In some embodiments, the one-click quote may provide various benefits. For example, the one-click quote may provide high quality incoming consumer data, attested to by the digital identity system 200 and/or the digital identity score system 500 approved entities. The one-click quote may also reduce costs for obtaining quote prefill data from 3rd parties. The one-click quote may also provide the ability to use zero knowledge proofs (ZKP) to reduce the amount of customer personal data being processed and stored. The one-click quote may also provide benefits for the consumers, such as: streamlined quote experience with no form filling; reduce incorrect quotes due to user input errors; ability to proof facts without revealing personal data (e.g., age over 21 without revealing date of birth); eliminating the need to send physical documents or emailing copies when requesting a quote; and ability to share only specific data attributes from a digital credential without revealing the entire credential (selective disclosure). Further, the one-click quote may provide benefits to digital partners and issuers, such as: competitive advantage over other digital partners; reduced customer personal data storage; monetized credential issuance; increased customer base through participating in the digital identity ecosystem; and reduced fraud by mitigating fake credentials claiming to be from the digital partner.

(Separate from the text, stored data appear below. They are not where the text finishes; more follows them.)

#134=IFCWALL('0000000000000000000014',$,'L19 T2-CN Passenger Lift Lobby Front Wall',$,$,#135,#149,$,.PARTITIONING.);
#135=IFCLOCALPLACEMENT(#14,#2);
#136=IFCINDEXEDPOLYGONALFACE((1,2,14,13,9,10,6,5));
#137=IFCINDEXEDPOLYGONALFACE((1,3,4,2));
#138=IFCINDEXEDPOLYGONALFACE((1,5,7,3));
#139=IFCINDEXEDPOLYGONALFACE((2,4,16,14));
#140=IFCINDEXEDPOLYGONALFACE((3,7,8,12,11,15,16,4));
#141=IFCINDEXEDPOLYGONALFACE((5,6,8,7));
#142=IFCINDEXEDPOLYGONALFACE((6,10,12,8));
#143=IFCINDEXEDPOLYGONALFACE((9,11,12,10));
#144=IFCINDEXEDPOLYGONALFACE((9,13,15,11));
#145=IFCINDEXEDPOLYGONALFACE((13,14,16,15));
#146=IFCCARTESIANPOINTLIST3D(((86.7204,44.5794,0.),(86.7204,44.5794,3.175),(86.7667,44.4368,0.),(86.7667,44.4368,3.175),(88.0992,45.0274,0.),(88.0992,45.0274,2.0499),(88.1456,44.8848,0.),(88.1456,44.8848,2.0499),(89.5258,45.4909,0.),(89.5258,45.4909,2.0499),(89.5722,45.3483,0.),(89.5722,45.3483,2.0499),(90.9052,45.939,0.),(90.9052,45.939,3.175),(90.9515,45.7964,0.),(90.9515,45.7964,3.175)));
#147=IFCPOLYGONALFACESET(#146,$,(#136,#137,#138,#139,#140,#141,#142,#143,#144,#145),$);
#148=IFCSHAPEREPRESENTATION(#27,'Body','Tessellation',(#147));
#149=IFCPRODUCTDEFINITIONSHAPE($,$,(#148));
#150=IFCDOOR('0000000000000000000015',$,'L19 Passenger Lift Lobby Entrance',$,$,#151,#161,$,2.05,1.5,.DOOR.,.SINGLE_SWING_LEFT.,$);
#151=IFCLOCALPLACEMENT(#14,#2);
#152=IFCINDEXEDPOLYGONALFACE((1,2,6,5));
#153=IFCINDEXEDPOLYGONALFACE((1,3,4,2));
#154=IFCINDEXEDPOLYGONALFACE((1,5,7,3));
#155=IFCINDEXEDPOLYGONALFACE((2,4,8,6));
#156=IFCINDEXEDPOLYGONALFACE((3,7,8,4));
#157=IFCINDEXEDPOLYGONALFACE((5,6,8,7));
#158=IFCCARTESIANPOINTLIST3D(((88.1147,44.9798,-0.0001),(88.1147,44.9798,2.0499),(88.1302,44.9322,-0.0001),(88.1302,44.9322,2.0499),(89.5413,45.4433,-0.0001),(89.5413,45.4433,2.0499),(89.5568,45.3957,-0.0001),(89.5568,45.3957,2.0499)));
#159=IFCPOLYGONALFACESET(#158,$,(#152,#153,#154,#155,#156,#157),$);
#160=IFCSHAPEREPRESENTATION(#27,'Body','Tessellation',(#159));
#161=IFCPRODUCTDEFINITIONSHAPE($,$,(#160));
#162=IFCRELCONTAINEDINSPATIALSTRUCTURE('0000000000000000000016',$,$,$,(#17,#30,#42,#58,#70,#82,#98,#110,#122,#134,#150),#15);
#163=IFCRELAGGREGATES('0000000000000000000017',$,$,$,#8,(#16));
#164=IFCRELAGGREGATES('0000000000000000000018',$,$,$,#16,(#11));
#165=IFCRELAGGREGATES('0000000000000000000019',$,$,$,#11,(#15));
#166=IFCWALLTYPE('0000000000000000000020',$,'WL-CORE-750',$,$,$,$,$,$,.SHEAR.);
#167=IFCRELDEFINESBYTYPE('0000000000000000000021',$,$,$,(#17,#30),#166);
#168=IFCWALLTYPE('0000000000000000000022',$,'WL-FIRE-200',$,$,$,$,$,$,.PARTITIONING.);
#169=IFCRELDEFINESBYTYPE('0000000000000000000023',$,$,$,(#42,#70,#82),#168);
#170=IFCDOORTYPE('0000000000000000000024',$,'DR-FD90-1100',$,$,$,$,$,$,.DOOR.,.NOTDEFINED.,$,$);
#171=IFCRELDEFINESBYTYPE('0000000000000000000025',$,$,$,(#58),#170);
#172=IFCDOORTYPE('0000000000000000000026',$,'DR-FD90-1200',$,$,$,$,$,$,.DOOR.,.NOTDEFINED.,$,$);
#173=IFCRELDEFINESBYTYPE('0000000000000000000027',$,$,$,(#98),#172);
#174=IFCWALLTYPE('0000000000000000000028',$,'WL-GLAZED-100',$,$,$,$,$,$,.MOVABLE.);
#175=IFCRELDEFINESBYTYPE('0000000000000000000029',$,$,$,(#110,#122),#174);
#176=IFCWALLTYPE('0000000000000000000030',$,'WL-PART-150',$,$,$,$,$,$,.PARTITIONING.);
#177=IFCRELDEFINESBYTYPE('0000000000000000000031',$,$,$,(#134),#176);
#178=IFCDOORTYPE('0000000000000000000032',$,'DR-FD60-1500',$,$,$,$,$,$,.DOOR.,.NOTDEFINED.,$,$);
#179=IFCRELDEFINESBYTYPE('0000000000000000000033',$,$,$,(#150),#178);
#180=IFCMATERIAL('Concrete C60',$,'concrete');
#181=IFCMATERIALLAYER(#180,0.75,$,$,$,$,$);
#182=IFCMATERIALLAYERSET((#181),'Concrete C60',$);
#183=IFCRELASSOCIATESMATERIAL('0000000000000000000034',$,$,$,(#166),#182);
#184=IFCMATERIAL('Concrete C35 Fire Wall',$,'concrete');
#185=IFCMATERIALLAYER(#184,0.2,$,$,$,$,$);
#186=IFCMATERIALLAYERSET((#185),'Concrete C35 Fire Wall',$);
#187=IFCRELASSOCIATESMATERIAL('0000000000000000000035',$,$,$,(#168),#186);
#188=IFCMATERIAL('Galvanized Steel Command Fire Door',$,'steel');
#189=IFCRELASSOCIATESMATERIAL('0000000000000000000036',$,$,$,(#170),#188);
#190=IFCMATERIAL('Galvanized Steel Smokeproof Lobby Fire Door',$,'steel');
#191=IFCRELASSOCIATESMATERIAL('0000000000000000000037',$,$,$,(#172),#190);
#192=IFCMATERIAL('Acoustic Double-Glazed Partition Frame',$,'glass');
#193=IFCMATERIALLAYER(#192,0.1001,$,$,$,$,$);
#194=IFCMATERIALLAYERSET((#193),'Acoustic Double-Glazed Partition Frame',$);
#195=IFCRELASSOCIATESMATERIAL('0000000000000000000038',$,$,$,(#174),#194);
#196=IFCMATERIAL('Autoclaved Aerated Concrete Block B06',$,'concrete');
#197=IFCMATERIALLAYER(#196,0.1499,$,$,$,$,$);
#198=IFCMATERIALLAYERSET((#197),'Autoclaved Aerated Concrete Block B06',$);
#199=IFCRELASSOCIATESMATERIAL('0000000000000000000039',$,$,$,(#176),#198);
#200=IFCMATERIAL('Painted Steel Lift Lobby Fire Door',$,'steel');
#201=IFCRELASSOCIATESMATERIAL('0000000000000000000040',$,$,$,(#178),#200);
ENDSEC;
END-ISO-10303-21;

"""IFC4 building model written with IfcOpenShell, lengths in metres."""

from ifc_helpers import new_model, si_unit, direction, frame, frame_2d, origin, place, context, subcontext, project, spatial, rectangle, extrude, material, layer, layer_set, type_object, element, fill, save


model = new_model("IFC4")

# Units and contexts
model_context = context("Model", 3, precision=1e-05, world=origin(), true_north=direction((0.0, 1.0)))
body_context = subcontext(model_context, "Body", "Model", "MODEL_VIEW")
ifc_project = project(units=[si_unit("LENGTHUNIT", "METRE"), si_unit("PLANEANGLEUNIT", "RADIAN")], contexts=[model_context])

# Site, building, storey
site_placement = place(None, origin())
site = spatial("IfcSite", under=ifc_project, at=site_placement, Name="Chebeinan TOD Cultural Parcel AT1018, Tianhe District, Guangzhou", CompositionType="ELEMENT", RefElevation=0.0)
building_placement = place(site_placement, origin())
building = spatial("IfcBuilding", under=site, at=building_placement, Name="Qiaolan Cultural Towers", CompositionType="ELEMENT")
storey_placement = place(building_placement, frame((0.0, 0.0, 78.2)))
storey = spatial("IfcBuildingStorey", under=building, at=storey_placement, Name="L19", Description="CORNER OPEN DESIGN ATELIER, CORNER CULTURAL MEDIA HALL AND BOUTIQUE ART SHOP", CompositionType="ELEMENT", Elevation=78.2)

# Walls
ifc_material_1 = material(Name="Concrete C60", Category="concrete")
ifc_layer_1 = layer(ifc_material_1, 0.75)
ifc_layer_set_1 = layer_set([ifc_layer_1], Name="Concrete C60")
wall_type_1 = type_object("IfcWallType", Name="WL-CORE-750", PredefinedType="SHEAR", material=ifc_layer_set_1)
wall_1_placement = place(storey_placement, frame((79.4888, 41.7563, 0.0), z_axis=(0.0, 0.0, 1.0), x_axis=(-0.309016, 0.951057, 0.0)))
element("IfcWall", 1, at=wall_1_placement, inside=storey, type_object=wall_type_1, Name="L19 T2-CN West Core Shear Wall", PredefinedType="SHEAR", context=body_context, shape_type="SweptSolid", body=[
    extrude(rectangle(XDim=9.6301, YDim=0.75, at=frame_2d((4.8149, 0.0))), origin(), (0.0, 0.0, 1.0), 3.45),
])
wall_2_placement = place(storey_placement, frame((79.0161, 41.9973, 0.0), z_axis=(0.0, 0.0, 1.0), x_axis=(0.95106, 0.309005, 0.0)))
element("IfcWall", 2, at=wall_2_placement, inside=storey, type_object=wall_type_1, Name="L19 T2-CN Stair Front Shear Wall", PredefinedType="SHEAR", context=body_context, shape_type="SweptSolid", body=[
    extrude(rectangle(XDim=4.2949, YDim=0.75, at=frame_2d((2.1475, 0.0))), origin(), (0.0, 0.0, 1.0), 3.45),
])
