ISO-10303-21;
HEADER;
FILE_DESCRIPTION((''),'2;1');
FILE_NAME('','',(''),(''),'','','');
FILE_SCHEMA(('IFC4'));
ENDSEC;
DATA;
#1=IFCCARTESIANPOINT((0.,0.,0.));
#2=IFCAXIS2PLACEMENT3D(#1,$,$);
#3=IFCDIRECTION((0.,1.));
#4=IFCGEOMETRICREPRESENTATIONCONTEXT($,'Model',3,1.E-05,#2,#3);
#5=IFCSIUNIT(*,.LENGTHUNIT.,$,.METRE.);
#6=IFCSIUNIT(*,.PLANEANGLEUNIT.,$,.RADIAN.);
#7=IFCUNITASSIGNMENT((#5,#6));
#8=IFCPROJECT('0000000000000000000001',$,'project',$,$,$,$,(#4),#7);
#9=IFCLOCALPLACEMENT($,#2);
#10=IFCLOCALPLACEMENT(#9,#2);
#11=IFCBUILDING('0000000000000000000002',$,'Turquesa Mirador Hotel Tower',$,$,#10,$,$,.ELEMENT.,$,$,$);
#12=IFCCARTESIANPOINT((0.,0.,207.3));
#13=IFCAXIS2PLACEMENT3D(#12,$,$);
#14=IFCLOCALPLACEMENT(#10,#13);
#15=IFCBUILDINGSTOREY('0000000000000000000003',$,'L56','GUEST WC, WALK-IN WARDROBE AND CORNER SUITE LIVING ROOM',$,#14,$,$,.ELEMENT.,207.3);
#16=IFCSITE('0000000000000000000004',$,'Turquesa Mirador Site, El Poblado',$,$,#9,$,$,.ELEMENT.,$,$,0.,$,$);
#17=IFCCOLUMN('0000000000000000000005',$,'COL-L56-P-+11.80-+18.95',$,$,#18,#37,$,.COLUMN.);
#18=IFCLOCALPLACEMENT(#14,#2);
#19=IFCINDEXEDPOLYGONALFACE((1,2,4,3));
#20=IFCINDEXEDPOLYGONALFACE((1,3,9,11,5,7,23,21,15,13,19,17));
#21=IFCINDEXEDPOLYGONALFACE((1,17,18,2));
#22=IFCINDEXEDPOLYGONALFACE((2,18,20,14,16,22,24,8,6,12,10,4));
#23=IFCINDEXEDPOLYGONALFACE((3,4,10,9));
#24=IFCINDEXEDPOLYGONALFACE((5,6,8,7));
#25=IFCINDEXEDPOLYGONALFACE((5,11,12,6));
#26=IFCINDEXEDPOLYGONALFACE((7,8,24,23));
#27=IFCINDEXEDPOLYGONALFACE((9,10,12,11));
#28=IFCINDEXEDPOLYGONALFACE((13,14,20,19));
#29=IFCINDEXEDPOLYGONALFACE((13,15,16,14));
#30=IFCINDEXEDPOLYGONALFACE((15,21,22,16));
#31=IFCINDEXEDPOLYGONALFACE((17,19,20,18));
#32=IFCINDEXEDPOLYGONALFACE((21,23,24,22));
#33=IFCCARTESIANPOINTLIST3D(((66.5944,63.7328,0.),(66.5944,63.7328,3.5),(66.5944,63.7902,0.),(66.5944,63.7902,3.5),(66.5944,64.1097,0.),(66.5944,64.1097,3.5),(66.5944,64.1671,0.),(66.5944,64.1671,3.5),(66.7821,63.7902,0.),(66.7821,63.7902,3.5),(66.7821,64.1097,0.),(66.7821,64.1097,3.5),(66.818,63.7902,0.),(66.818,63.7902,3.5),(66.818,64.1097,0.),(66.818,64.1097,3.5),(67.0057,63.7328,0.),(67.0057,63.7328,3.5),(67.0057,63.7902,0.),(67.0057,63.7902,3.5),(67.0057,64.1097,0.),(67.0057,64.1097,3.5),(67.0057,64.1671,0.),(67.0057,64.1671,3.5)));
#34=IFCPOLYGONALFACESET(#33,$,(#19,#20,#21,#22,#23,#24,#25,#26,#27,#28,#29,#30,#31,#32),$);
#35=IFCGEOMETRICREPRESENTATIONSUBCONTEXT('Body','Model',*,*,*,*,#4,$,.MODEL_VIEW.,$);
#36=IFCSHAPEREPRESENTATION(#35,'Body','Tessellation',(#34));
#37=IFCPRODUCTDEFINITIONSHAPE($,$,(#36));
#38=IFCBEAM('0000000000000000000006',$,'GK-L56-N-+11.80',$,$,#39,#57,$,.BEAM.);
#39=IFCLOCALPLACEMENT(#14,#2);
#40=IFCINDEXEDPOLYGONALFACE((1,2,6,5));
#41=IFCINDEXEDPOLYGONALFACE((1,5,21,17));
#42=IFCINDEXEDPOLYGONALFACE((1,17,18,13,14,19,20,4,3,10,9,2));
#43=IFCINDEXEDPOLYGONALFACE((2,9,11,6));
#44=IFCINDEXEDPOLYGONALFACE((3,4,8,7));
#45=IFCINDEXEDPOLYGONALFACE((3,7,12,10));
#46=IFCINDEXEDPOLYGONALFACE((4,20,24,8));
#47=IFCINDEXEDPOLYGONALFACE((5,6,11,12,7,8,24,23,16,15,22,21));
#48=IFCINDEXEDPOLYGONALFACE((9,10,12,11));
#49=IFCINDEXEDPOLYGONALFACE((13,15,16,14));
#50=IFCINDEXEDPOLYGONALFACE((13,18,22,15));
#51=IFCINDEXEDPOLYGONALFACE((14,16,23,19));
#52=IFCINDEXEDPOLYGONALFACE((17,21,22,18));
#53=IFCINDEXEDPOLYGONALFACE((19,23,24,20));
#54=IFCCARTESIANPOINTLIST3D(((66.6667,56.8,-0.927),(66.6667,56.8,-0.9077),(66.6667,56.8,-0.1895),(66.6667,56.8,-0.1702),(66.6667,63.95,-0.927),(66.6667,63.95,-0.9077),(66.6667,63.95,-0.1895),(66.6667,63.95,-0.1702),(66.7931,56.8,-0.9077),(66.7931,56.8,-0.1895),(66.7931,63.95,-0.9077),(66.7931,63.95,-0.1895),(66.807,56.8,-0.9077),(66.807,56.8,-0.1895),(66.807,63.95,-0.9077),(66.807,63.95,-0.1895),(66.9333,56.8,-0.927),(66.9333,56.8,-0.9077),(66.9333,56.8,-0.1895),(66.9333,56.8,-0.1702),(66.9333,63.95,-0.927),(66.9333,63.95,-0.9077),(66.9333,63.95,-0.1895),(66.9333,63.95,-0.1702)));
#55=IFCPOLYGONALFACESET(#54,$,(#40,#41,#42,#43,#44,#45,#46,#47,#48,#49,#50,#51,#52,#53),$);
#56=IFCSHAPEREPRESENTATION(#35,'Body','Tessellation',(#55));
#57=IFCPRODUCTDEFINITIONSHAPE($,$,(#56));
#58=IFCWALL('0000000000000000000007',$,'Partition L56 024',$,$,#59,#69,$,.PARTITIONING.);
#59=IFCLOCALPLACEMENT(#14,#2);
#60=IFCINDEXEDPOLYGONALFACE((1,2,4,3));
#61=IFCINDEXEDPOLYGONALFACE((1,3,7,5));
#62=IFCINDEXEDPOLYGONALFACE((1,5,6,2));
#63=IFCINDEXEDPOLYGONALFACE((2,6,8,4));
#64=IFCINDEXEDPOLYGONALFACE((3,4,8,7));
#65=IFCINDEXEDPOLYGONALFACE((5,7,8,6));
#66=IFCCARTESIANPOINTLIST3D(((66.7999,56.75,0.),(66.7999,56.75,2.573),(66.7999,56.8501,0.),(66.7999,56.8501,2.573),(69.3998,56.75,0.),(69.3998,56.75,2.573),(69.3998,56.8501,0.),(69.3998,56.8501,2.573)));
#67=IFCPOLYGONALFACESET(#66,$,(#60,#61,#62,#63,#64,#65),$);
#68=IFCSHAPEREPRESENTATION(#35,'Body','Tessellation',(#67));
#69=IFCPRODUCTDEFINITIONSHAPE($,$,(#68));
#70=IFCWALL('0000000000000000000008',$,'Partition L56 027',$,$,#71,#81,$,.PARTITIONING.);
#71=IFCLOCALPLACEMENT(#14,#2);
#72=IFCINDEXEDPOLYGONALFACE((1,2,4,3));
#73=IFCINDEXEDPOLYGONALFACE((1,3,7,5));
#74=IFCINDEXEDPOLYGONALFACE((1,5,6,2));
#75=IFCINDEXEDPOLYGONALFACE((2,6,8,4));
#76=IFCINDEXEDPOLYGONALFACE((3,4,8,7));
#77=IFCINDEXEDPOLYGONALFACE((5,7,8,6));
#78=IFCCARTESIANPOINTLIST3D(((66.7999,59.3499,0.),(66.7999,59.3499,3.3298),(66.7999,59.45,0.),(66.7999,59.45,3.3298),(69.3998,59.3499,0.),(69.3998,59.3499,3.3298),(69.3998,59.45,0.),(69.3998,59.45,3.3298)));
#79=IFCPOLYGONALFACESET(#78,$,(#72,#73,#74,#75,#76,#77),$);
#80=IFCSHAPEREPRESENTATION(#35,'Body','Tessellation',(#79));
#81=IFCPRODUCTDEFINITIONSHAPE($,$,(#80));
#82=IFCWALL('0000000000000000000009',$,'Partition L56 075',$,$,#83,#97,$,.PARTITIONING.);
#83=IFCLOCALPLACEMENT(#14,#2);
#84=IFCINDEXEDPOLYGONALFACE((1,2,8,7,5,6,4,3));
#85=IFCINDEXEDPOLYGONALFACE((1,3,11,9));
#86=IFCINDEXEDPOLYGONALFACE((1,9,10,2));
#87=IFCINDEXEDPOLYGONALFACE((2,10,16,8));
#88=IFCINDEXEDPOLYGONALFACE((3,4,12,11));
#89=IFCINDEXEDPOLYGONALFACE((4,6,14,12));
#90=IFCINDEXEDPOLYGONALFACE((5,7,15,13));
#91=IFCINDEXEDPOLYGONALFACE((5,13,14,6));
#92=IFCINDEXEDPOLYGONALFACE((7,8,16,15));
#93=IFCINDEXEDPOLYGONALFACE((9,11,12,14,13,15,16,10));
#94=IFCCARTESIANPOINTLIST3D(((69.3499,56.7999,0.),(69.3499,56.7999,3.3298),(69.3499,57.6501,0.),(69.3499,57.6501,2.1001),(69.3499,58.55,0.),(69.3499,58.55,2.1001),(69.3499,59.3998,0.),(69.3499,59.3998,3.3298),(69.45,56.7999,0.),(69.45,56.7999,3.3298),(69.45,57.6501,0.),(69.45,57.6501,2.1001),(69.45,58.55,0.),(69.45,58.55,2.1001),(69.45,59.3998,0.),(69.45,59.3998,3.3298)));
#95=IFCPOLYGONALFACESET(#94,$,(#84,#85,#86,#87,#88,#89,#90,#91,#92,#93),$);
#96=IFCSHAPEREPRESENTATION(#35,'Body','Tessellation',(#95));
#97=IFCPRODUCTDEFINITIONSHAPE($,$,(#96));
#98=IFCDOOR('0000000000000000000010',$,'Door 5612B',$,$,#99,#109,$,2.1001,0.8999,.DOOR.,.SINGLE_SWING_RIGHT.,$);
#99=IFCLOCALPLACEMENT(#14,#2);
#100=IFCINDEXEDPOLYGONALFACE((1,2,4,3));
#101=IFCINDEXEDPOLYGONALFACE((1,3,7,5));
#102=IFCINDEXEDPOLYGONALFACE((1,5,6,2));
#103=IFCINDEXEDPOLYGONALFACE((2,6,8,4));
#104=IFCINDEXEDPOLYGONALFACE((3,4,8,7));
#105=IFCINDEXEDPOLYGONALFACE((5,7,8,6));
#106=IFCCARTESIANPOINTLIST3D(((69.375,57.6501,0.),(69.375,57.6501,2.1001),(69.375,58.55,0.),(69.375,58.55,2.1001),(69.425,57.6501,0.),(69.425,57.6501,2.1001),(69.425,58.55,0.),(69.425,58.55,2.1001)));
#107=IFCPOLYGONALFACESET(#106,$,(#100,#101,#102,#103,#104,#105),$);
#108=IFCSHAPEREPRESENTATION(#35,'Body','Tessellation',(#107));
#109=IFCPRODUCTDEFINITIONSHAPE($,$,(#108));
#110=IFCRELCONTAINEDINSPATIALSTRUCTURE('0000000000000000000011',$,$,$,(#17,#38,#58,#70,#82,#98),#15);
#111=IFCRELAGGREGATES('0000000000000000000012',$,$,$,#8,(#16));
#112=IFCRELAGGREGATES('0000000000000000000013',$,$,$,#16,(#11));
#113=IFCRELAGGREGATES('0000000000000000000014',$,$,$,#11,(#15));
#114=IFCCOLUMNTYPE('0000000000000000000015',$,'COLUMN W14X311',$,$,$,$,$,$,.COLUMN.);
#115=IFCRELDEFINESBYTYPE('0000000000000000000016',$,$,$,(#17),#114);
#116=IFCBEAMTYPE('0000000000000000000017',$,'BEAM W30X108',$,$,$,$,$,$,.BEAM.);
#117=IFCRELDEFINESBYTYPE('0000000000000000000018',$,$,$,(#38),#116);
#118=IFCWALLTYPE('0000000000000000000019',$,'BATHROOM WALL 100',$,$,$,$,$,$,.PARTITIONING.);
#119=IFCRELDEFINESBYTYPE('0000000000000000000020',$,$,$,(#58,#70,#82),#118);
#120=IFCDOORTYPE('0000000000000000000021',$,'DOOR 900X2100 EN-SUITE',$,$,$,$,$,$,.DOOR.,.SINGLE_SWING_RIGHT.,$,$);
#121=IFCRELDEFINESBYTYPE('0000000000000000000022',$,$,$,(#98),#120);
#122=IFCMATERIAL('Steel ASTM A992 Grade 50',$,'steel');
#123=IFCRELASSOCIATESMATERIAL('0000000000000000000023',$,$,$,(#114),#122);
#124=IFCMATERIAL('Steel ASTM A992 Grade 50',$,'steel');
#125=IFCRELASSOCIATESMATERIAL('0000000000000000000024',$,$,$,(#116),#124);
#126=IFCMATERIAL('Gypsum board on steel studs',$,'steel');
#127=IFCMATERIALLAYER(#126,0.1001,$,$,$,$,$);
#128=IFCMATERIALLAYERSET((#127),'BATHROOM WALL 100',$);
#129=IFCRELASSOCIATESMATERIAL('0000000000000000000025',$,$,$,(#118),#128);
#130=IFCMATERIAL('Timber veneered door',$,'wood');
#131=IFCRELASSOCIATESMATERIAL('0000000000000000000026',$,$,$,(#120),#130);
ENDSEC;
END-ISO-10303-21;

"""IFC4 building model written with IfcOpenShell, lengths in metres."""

from ifc_helpers import new_model, si_unit, direction, frame, frame_2d, origin, origin_2d, place, context, subcontext, project, spatial, rectangle, i_section, extrude, material, layer, layer_set, material_profile, profile_set, type_object, element, fill, save


model = new_model("IFC4")

# Units and contexts
model_context = context("Model", 3, precision=1e-05, world=origin(), true_north=direction((0.0, 1.0)))
body_context = subcontext(model_context, "Body", "Model", "MODEL_VIEW")
ifc_project = project(units=[si_unit("LENGTHUNIT", "METRE"), si_unit("PLANEANGLEUNIT", "RADIAN")], contexts=[model_context])

# Site, building, storey
site_placement = place(None, origin())
site = spatial("IfcSite", under=ifc_project, at=site_placement, Name="Turquesa Mirador Site, El Poblado", CompositionType="ELEMENT", RefElevation=0.0)
building_placement = place(site_placement, origin())
building = spatial("IfcBuilding", under=site, at=building_placement, Name="Turquesa Mirador Hotel Tower", CompositionType="ELEMENT")
storey_placement = place(building_placement, frame((0.0, 0.0, 207.3)))
storey = spatial("IfcBuildingStorey", under=building, at=storey_placement, Name="L56", Description="GUEST WC, WALK-IN WARDROBE AND CORNER SUITE LIVING ROOM", CompositionType="ELEMENT", Elevation=207.3)

# Column
ifc_material_1 = material(Name="Steel ASTM A992 Grade 50", Category="steel")
ifc_material_profile_1 = material_profile(ifc_material_1, i_section(OverallWidth=0.4114, OverallDepth=0.4343, WebThickness=0.0359, FlangeThickness=0.0574, at=origin_2d()), Name="W14X311")
ifc_profile_set_1 = profile_set([ifc_material_profile_1], Name="Steel ASTM A992 Grade 50")
column_type = type_object("IfcColumnType", Name="COLUMN W14X311", PredefinedType="COLUMN", material=ifc_profile_set_1)
column_placement = place(storey_placement, frame((66.8, 63.95, 0.0), z_axis=(0.0, 0.0, 1.0), x_axis=(1.0, 0.0, 0.0)))
element("IfcColumn", 1, at=column_placement, inside=storey, type_object=column_type, Name="COL-L56-P-+11.80-+18.95", PredefinedType="COLUMN", context=body_context, shape_type="SweptSolid", body=[
    extrude(i_section(OverallWidth=0.4114, OverallDepth=0.4343, WebThickness=0.0359, FlangeThickness=0.0574, at=origin_2d()), origin(), (0.0, 0.0, 1.0), 3.5),
])

# Beam
ifc_material_2 = material(Name="Steel ASTM A992 Grade 50", Category="steel")
ifc_material_profile_2 = material_profile(ifc_material_2, i_section(OverallWidth=0.2666, OverallDepth=0.7568, WebThickness=0.0139, FlangeThickness=0.0193, at=origin_2d()), Name="W30X108")
ifc_profile_set_2 = profile_set([ifc_material_profile_2], Name="Steel ASTM A992 Grade 50")
beam_type = type_object("IfcBeamType", Name="BEAM W30X108", PredefinedType="BEAM", material=ifc_profile_set_2)
beam_placement = place(storey_placement, frame((66.8, 63.95, -0.5486), z_axis=(0.0, -1.0, 0.0), x_axis=(1.0, 0.0, 0.0)))
element("IfcBeam", 2, at=beam_placement, inside=storey, type_object=beam_type, Name="GK-L56-N-+11.80", PredefinedType="BEAM", context=body_context, shape_type="SweptSolid", body=[
    extrude(i_section(OverallWidth=0.2666, OverallDepth=0.7568, WebThickness=0.0139, FlangeThickness=0.0193, at=origin_2d()), origin(), (0.0, 0.0, 1.0), 7.1499),
])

Aspects of the invention have been described in terms of illustrative embodiments thereof. Numerous other embodiments, modifications, and variations within the scope and spirit of the appended claims will occur to persons of ordinary skill in the art from a review of this disclosure. For example, one of ordinary skill in the art will appreciate that the steps illustrated in the illustrative figures may be performed in other than the recited order, and that one or more steps illustrated may be optional in accordance with aspects of the invention.